Aug. 31 (Bloomberg) -- Investors added $83 million to high- yield bond funds, the first infusion in 12 weeks, seeking to capitalize on gains in high-risk debt, JPMorgan Chase & Co. said, citing AMG Data Services.

The increase signals the panic that caused money markets to freeze up and delayed 50 bond sales may be abating. High-yield mutual funds had reported outflows of $3.8 billion in the past 11 weeks, JPMorgan said yesterday, citing data from Arcata, California-based AMG.

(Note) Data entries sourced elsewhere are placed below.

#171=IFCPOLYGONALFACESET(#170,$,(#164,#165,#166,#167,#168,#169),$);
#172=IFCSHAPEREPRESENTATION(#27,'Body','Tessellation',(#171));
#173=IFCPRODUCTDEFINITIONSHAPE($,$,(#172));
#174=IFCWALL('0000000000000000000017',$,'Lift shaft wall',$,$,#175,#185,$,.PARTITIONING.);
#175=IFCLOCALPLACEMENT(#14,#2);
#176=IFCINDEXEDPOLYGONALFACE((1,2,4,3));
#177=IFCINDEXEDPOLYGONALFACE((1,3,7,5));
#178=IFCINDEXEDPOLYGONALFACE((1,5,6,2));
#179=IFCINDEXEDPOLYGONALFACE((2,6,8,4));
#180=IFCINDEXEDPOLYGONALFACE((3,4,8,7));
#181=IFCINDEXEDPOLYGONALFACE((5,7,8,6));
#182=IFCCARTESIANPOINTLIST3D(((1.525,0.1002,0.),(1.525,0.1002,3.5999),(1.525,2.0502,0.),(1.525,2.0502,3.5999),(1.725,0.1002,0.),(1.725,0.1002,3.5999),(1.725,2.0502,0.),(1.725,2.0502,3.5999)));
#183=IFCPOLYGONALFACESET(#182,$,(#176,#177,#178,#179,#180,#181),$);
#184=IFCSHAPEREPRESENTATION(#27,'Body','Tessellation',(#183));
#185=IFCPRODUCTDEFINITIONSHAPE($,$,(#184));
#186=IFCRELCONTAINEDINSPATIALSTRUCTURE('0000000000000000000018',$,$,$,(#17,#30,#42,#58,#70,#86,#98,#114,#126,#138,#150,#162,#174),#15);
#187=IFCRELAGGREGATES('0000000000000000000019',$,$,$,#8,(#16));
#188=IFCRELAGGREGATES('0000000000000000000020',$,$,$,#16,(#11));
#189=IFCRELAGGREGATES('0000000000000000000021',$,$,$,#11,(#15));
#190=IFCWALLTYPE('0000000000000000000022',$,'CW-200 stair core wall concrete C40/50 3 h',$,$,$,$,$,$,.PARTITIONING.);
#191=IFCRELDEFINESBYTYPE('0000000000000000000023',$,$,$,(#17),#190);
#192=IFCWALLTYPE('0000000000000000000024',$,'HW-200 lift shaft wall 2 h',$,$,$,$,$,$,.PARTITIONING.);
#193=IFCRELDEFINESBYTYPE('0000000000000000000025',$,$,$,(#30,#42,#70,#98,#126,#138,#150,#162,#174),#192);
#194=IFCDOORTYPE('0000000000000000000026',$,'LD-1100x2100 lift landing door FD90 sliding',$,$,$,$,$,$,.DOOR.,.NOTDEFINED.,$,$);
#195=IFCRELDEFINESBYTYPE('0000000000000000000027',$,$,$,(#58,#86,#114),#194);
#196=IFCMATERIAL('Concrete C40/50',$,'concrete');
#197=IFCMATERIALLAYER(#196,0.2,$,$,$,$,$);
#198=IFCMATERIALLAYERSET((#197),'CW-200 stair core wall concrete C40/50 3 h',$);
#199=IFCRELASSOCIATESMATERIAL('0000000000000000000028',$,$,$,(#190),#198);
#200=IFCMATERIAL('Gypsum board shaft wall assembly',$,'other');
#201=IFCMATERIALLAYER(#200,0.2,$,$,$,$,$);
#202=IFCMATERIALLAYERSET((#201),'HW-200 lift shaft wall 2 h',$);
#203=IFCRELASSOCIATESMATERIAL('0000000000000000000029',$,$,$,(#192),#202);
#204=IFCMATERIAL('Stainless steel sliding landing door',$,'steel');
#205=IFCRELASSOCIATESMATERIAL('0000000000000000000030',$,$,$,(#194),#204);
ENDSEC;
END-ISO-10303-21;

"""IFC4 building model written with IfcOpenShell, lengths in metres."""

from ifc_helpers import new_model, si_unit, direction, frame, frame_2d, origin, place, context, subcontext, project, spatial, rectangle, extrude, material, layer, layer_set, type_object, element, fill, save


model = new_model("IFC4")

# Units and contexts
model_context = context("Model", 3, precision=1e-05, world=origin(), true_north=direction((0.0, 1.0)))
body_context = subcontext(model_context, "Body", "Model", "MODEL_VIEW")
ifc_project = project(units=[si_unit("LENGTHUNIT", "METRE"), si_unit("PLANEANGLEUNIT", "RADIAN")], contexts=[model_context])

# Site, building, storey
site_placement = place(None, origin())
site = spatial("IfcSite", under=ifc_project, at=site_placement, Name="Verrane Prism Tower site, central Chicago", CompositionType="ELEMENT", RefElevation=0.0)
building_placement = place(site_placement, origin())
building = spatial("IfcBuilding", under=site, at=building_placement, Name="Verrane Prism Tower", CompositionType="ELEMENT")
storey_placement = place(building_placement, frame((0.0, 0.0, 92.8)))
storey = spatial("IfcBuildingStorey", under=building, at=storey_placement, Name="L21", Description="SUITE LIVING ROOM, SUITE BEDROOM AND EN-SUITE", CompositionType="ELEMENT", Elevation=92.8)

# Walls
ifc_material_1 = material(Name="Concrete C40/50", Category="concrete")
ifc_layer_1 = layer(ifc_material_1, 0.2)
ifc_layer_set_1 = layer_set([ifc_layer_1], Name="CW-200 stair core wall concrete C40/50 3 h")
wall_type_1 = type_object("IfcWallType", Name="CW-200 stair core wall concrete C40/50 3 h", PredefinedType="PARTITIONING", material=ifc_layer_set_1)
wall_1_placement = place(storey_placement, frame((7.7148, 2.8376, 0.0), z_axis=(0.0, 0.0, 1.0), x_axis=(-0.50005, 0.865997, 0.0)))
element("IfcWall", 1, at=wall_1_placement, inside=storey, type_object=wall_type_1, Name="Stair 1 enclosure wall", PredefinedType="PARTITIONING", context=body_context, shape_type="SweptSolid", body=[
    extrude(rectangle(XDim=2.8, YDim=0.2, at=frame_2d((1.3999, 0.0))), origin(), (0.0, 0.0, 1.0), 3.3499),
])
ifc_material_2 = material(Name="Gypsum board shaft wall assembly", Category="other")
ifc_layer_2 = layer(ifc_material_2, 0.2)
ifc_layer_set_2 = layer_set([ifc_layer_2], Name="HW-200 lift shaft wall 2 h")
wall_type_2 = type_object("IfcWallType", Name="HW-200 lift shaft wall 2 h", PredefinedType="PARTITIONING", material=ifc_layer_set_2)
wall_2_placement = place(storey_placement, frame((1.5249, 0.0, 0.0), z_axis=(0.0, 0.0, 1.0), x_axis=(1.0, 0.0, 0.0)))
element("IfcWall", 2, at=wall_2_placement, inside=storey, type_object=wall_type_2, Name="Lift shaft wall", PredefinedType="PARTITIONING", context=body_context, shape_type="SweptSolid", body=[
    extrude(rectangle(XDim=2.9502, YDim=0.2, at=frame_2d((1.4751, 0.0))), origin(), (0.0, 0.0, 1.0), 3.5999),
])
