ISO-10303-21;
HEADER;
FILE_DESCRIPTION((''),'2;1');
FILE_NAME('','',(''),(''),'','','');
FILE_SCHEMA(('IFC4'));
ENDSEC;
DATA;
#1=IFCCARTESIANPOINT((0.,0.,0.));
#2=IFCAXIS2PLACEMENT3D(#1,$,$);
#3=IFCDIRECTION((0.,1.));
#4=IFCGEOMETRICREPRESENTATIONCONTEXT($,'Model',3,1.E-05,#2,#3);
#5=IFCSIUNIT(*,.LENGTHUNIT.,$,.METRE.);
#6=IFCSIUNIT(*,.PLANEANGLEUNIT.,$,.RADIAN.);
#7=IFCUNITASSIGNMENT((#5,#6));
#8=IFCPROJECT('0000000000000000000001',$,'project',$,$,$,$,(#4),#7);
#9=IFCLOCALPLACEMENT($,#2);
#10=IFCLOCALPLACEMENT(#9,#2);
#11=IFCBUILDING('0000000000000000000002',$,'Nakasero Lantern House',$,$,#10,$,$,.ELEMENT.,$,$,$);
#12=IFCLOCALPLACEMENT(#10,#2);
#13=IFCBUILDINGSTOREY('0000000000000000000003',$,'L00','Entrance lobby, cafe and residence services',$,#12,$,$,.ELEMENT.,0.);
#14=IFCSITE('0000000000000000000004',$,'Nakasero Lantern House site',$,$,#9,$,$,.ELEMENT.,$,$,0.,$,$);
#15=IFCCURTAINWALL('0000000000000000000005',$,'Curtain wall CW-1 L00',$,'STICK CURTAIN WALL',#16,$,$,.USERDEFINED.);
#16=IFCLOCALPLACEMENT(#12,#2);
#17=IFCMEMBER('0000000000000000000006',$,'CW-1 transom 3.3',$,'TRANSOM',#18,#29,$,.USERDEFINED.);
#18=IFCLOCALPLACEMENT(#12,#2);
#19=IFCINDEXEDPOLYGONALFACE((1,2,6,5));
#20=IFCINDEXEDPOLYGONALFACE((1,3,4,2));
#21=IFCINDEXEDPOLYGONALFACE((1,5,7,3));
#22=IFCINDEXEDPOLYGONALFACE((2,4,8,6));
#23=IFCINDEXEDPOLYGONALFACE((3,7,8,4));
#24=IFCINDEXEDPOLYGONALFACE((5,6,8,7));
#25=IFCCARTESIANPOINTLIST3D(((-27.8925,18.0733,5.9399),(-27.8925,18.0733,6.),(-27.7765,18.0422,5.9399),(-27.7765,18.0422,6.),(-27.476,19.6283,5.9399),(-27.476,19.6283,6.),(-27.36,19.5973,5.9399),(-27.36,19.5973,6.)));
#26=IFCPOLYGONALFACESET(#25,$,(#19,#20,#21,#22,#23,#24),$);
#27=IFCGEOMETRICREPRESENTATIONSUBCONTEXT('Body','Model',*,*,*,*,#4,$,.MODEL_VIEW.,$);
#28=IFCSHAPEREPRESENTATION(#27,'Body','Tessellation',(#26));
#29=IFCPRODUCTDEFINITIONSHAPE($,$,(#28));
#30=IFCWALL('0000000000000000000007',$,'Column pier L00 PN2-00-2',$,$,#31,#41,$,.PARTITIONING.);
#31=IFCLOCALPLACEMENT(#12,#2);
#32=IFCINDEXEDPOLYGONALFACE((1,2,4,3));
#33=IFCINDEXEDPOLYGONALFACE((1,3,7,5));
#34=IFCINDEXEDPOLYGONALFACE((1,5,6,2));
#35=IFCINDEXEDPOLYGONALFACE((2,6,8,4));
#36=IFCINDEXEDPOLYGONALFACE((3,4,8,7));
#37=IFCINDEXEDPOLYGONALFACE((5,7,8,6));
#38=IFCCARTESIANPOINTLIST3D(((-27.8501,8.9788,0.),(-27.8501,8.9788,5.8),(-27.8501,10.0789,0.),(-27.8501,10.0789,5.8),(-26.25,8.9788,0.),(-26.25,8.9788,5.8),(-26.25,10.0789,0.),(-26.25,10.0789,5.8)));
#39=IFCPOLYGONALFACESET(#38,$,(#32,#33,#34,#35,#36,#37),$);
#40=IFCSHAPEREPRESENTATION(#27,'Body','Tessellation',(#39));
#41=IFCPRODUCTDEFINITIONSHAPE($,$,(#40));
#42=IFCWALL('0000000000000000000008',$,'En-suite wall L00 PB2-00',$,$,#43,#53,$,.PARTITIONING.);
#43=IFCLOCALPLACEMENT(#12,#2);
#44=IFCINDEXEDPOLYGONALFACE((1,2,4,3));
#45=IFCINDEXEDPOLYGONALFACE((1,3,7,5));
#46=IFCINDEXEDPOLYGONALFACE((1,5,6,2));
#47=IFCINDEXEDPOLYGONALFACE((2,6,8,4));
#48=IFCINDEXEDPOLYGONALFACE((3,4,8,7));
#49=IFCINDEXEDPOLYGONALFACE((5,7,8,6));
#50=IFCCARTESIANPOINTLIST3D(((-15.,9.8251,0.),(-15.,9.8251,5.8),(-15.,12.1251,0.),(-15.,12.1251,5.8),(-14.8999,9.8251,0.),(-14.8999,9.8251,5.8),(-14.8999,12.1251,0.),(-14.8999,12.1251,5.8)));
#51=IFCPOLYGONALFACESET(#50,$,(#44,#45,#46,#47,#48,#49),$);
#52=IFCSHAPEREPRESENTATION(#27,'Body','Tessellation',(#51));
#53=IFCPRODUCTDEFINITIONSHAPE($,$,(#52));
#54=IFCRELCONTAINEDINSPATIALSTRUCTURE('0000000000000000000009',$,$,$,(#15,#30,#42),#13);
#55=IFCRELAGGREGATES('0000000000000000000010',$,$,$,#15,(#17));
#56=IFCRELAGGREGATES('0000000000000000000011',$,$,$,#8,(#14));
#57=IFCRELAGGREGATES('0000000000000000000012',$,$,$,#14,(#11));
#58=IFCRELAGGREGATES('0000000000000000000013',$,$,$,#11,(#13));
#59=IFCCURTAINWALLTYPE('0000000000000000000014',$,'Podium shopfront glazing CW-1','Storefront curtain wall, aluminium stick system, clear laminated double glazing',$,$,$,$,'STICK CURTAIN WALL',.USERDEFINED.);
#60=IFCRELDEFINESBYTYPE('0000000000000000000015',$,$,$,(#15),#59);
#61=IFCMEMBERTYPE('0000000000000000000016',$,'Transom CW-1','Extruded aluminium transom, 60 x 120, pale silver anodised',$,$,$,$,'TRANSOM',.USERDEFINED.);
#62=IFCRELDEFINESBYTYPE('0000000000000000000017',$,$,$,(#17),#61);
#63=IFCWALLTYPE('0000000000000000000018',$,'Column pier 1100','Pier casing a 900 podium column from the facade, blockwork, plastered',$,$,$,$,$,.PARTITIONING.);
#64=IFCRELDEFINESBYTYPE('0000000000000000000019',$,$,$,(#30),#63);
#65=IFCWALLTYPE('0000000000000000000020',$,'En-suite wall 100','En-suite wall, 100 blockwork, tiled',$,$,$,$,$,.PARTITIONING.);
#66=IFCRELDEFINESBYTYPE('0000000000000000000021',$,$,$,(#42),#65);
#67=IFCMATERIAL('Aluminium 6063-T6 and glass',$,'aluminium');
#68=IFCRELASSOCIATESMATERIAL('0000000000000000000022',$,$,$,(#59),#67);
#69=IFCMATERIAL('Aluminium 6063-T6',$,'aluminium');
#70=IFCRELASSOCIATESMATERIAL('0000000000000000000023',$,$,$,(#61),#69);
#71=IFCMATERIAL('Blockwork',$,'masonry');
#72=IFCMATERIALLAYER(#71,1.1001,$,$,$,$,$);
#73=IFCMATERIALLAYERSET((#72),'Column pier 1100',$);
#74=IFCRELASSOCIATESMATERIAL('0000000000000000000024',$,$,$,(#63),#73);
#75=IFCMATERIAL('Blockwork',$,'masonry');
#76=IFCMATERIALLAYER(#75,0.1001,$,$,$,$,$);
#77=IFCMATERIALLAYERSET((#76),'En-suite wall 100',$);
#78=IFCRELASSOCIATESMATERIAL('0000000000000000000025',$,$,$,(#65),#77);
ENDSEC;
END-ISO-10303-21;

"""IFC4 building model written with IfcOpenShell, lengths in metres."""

from ifc_helpers import new_model, si_unit, direction, frame, frame_2d, origin, origin_2d, place, context, subcontext, project, spatial, rectangle, extrude, material, layer, layer_set, material_profile, profile_set, type_object, element, aggregate, save


model = new_model("IFC4")

# Units and contexts
model_context = context("Model", 3, precision=1e-05, world=origin(), true_north=direction((0.0, 1.0)))
body_context = subcontext(model_context, "Body", "Model", "MODEL_VIEW")
ifc_project = project(units=[si_unit("LENGTHUNIT", "METRE"), si_unit("PLANEANGLEUNIT", "RADIAN")], contexts=[model_context])

# Site, building, storey
site_placement = place(None, origin())
site = spatial("IfcSite", under=ifc_project, at=site_placement, Name="Nakasero Lantern House site", CompositionType="ELEMENT", RefElevation=0.0)
building_placement = place(site_placement, origin())
building = spatial("IfcBuilding", under=site, at=building_placement, Name="Nakasero Lantern House", CompositionType="ELEMENT")
storey_placement = place(building_placement, origin())
storey = spatial("IfcBuildingStorey", under=building, at=storey_placement, Name="L00", Description="Entrance lobby, cafe and residence services", CompositionType="ELEMENT", Elevation=0.0)

# Curtain wall, member
ifc_material_1 = material(Name="Aluminium 6063-T6 and glass", Category="aluminium")
curtain_wall_type = type_object("IfcCurtainWallType", Name="Podium shopfront glazing CW-1", Description="Storefront curtain wall, aluminium stick system, clear laminated double glazing", ElementType="STICK CURTAIN WALL", PredefinedType="USERDEFINED", material=ifc_material_1)
curtain_wall_placement = place(storey_placement, origin())
curtain_wall = element("IfcCurtainWall", 1, at=curtain_wall_placement, inside=storey, type_object=curtain_wall_type, Name="Curtain wall CW-1 L00", ObjectType="STICK CURTAIN WALL", PredefinedType="USERDEFINED")
ifc_material_2 = material(Name="Aluminium 6063-T6", Category="aluminium")
ifc_material_profile_1 = material_profile(ifc_material_2, rectangle(XDim=0.0601, YDim=0.1201, at=origin_2d()), Name="CW-1 transom 60x120")
ifc_profile_set_1 = profile_set([ifc_material_profile_1], Name="Aluminium 6063-T6")
member_type = type_object("IfcMemberType", Name="Transom CW-1", Description="Extruded aluminium transom, 60 x 120, pale silver anodised", ElementType="TRANSOM", PredefinedType="USERDEFINED", material=ifc_profile_set_1)
member_placement = place(storey_placement, frame((-27.418, 19.6128, 5.97), z_axis=(-0.258739, -0.965947, 0.0), x_axis=(0.0, 0.0, 1.0)))
member = element("IfcMember", 2, at=member_placement, type_object=member_type, Name="CW-1 transom 3.3", ObjectType="TRANSOM", PredefinedType="USERDEFINED", context=body_context, shape_type="SweptSolid", body=[
    extrude(rectangle(XDim=0.0601, YDim=0.1201, at=origin_2d()), origin(), (0.0, 0.0, 1.0), 1.6099),
])
aggregate(curtain_wall, [member])

# Walls
ifc_material_3 = material(Name="Blockwork", Category="masonry")
ifc_layer_1 = layer(ifc_material_3, 1.1001)
ifc_layer_set_1 = layer_set([ifc_layer_1], Name="Column pier 1100")
wall_type_1 = type_object("IfcWallType", Name="Column pier 1100", Description="Pier casing a 900 podium column from the facade, blockwork, plastered", PredefinedType="PARTITIONING", material=ifc_layer_set_1)
wall_1_placement = place(storey_placement, frame((-26.25, 9.5288, 0.0), z_axis=(0.0, 0.0, 1.0), x_axis=(-1.0, 0.0, 0.0)))
element("IfcWall", 3, at=wall_1_placement, inside=storey, type_object=wall_type_1, Name="Column pier L00 PN2-00-2", PredefinedType="PARTITIONING", context=body_context, shape_type="SweptSolid", body=[
    extrude(rectangle(XDim=1.6001, YDim=1.1001, at=frame_2d((0.8, 0.0))), origin(), (0.0, 0.0, 1.0), 5.8),
])
ifc_material_4 = material(Name="Blockwork", Category="masonry")
ifc_layer_2 = layer(ifc_material_4, 0.1001)
ifc_layer_set_2 = layer_set([ifc_layer_2], Name="En-suite wall 100")
wall_type_2 = type_object("IfcWallType", Name="En-suite wall 100", Description="En-suite wall, 100 blockwork, tiled", PredefinedType="PARTITIONING", material=ifc_layer_set_2)
wall_2_placement = place(storey_placement, frame((-14.95, 12.125, 0.0), z_axis=(0.0, 0.0, 1.0), x_axis=(0.0, -1.0, 0.0)))
element("IfcWall", 4, at=wall_2_placement, inside=storey, type_object=wall_type_2, Name="En-suite wall L00 PB2-00", PredefinedType="PARTITIONING", context=body_context, shape_type="SweptSolid", body=[
    extrude(rectangle(XDim=2.3, YDim=0.1001, at=frame_2d((1.1499, 0.0))), origin(), (0.0, 0.0, 1.0), 5.8),
])

save(model, "model.ifc")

High-yield bonds returned 1 percent in August, an annualized rate of about 13 percent, after losing 3.1 percent in July, the worst performance in five years. Investor appetite for speculative-grade debt had plunged as losses from subprime mortgage securities spread throughout credit markets, prompting investors to retreat from all but the safest of debt.

``It's a pleasant surprise,'' said Andrew Feltus, who helps oversee $9 billion as a senior vice president and fund manager with Pioneer Investment Management in Boston. ``It may not be a time to be all in, but it's definitely time to be adding.''

Investment-grade bond funds reported a fourth consecutive week of outflows for the period ended Aug. 29, with investors pulling out $75 million, compared with $940 million last week, according to JPMorgan in New York. Investment-grade bonds have returned an annualized 14.5 percent this month, compared with 3.41 percent in July, Merrill Lynch & Co. index data show.

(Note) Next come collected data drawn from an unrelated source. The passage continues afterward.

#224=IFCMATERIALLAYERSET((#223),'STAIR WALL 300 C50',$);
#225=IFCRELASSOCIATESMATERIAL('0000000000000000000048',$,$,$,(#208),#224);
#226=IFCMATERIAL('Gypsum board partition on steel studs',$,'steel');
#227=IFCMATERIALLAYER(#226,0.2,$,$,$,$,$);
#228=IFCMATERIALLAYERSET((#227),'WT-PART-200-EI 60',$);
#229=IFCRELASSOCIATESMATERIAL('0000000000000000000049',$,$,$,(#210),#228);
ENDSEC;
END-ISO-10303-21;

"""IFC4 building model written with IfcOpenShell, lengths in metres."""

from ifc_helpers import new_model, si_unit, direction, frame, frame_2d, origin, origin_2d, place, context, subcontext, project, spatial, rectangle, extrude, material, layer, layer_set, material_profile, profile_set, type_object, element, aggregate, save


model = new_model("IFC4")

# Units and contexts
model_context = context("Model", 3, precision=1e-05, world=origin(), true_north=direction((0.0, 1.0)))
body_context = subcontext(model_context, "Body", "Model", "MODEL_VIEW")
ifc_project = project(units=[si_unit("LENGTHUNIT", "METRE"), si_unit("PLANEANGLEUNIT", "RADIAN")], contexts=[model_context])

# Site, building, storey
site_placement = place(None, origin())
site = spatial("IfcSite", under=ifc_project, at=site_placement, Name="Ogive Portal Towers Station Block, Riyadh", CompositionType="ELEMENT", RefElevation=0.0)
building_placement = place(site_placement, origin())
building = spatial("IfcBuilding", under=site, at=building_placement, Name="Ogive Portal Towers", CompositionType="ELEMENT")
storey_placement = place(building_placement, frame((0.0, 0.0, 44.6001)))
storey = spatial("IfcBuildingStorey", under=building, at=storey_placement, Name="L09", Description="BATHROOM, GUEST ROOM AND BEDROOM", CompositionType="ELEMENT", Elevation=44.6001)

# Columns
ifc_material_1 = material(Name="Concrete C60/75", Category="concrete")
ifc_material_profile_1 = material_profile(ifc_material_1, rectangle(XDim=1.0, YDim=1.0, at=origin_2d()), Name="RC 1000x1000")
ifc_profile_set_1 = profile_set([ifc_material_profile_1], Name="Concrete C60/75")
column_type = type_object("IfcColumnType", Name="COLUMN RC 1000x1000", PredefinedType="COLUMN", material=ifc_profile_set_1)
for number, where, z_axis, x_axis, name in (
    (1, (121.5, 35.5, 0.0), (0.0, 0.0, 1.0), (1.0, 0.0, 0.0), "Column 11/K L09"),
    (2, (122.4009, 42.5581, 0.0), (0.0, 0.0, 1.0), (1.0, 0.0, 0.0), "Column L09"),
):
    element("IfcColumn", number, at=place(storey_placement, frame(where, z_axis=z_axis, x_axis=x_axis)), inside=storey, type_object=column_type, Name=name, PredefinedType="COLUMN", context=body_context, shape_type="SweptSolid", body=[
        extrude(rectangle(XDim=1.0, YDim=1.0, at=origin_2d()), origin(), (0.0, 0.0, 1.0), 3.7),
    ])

High-yield, or junk-rated, companies have ratings of Ba1 and below at Moody's Investors Service and BB+ and lower at Standard & Poor's.

Private Equity Firms

The return of money to junk bonds may be good news for private equity firms such as Kohlberg Kravis Roberts & Co. and Blackstone Group LP, both based in New York, which are among leveraged buyout firms planning to sell more than $320 billion in bonds and loans to finance purchases this year.

The extra yield above U.S. Treasuries rose 5 basis points yesterday to 448 basis points, according to Merrill Lynch. The gap narrowed to a record low of 241 basis points on June 5. A basis point is 0.01 percentage point.

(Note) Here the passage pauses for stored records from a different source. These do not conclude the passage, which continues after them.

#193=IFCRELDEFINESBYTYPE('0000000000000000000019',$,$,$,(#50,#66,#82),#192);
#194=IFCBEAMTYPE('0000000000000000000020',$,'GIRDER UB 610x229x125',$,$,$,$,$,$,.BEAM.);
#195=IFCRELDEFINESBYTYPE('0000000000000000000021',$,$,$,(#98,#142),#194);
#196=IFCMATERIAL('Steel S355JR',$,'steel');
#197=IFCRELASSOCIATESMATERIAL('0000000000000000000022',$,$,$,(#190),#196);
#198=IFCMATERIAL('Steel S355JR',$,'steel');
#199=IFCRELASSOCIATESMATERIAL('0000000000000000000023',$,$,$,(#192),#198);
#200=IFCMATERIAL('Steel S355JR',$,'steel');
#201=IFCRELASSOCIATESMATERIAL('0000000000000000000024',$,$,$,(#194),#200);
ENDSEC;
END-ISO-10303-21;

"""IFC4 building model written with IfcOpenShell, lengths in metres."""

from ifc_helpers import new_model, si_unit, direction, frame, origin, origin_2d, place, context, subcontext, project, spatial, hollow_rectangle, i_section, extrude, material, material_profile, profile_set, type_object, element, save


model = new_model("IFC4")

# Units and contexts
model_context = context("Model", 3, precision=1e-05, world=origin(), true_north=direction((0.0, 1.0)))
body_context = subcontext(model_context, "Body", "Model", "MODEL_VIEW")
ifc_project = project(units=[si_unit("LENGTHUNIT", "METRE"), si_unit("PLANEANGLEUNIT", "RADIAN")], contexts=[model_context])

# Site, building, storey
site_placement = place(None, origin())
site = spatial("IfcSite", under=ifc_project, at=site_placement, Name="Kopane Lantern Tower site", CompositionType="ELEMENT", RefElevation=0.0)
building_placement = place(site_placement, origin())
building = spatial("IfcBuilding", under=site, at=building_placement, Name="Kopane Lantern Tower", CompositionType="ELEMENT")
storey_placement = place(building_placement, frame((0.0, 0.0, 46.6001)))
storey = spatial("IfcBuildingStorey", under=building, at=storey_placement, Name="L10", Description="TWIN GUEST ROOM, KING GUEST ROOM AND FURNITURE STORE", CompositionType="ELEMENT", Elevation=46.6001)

President George W. Bush and Federal Reserve Chairman Benjamin S. Bernanke both pledged today to help prevent the credit crisis from expanding. Bush promised to help people with risky subprime mortgages keep their homes and tighten safeguards against predatory lending, while rejecting a bailout for ``speculators.'' Bernanke said the Fed will ``act as needed'' to stop the credit market rout from undoing the six-year economic expansion.

High-Yield Buyers

Investors such as James Swanson, chief investment strategist at MFS Investment Management, Matthew Eagan, portfolio manager at Loomis Sayles & Co., and Nuveen Investment Management's Manny Labrinos this month said they are buying some high-yield debt. Eric Takaha, director of corporate credit at San Mateo, California-based Franklin Resources Inc., is looking for bonds of companies that generate cash and pay down debt. Franklin Resources manages $160 billion of fixed-income assets.

``We are finding value, but we're not at the point in time where this is the cheapest place to be,'' Takaha said.

The top two performing high-yield funds year-to-date are the AFBA 5Star High Yield Fund and the Julius Baer Global High Income Fund, according to data compiled by Bloomberg. The $19 million AFBA fund has returned 2.31 percent and the $197 million Julius Baer fund is up 2.2 percent, Bloomberg data show.

High-yield fund managers said they base their confidence on rising corporate profits and low default rates.

Companies in the S&P 500 reported a 9.8 percent increase in second-quarter earnings, data compiled by Bloomberg show. About 66 percent of the 480 companies reported net income that beat analysts' expectations.

The global default rate on high-yield corporate bonds is at 1.5 percent, near a 12-year low of 1.4 percent in June, according to Kenneth Emery, director of corporate default research at New York-based Moody's, the ratings unit of Moody's Corp.